Creativity & Wellbeing Week at Fitzrovia Community Centre

This week is the national festival, Creativity and Wellbeing Week. It is a celebration of creative health across the country. This year the festival  theme is “Critical Hope” (for acute times).

“Critical hope” reflects the ability to realistically assess the environment through a lens of equity and justice while also envisioning the possibility of a better future. Local artist and community arts manager, Lucia Jaffer, tells us what she has been doing at her Art for Wellness class at Fitzrovia Community Centre to support this theme over the last four weeks through the “Inner Landscape” collage project.

Week 1: Painting and printing collage papers in cool colours.

Week 2: Painting and printing collage papers in warm colours.

Week 3 & 4: Using the papers, students to built a calm, reflective scene that represents a place they feel, not necessarily a real one using only tearing to keep one present and reducing perfectionism.

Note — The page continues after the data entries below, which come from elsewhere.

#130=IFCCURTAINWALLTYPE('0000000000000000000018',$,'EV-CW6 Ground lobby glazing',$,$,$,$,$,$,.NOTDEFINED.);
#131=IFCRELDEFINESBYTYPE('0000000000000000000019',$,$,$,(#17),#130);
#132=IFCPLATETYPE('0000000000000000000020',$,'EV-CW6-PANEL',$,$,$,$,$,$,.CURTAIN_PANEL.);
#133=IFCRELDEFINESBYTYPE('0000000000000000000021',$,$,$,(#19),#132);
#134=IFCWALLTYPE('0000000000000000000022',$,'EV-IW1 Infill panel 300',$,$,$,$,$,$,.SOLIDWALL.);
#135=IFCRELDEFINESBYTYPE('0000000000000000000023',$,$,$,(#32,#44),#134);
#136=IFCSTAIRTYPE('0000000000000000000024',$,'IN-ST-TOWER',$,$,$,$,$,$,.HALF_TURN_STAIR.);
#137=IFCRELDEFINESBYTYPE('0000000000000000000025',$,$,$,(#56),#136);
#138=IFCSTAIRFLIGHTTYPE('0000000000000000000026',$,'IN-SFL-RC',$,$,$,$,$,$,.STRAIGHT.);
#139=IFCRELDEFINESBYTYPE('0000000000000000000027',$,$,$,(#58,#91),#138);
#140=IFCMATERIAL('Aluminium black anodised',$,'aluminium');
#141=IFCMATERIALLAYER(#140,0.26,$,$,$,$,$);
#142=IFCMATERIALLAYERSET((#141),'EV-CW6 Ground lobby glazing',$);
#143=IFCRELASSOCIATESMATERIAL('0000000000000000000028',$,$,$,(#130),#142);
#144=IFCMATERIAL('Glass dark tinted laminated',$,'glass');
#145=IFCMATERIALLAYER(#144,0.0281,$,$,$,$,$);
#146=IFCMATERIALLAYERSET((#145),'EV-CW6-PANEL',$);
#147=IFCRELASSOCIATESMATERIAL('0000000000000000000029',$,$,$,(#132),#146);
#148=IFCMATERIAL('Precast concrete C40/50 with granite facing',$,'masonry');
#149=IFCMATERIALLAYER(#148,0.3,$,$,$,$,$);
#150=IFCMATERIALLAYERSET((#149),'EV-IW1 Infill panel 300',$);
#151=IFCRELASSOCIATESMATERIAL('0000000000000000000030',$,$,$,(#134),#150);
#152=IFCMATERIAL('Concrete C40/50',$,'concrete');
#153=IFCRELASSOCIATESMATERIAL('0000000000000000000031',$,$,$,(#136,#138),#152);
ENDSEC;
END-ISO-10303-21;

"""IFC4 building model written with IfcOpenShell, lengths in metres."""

The repetition is naturally calming and the colour choices are intuitive rather than analytical.

The project encourages students to reflect inwardly, acknowledge their emotional reality, and imagine spaces of peace, safety, and belonging even within difficult circumstances. Rather than ignoring hardship, the activity creates room for students to process emotions honestly while also envisioning comfort, grounding, and possibility.

Paulo Freire described critical hope as an active response to oppression and despair — not blind optimism, but the belief that healing, transformation, and justice are still possible. The collage project reflects this in several ways:

  • Reflection and self-awareness:
    The breathing exercises and guided visualization invite students to pause and recognise their current emotional state. This mirrors critical hope’s emphasis on understanding reality honestly rather than escaping from it.

  • Imagining alternatives:
    Students create a peaceful inner world that may be real or imagined. By envisioning a calm and safe place, they practise imagining possibilities beyond stress, fear, or uncertainty. Critical hope depends on this ability to imagine something better.

  • Personal agency and ownership:

    The statement “It belongs just to me” reinforces autonomy and identity. Freire believed hope grows when people feel empowered to shape meaning and reclaim their voice. The artwork becomes an act of self-expression and quiet resistance against feelings of helplessness.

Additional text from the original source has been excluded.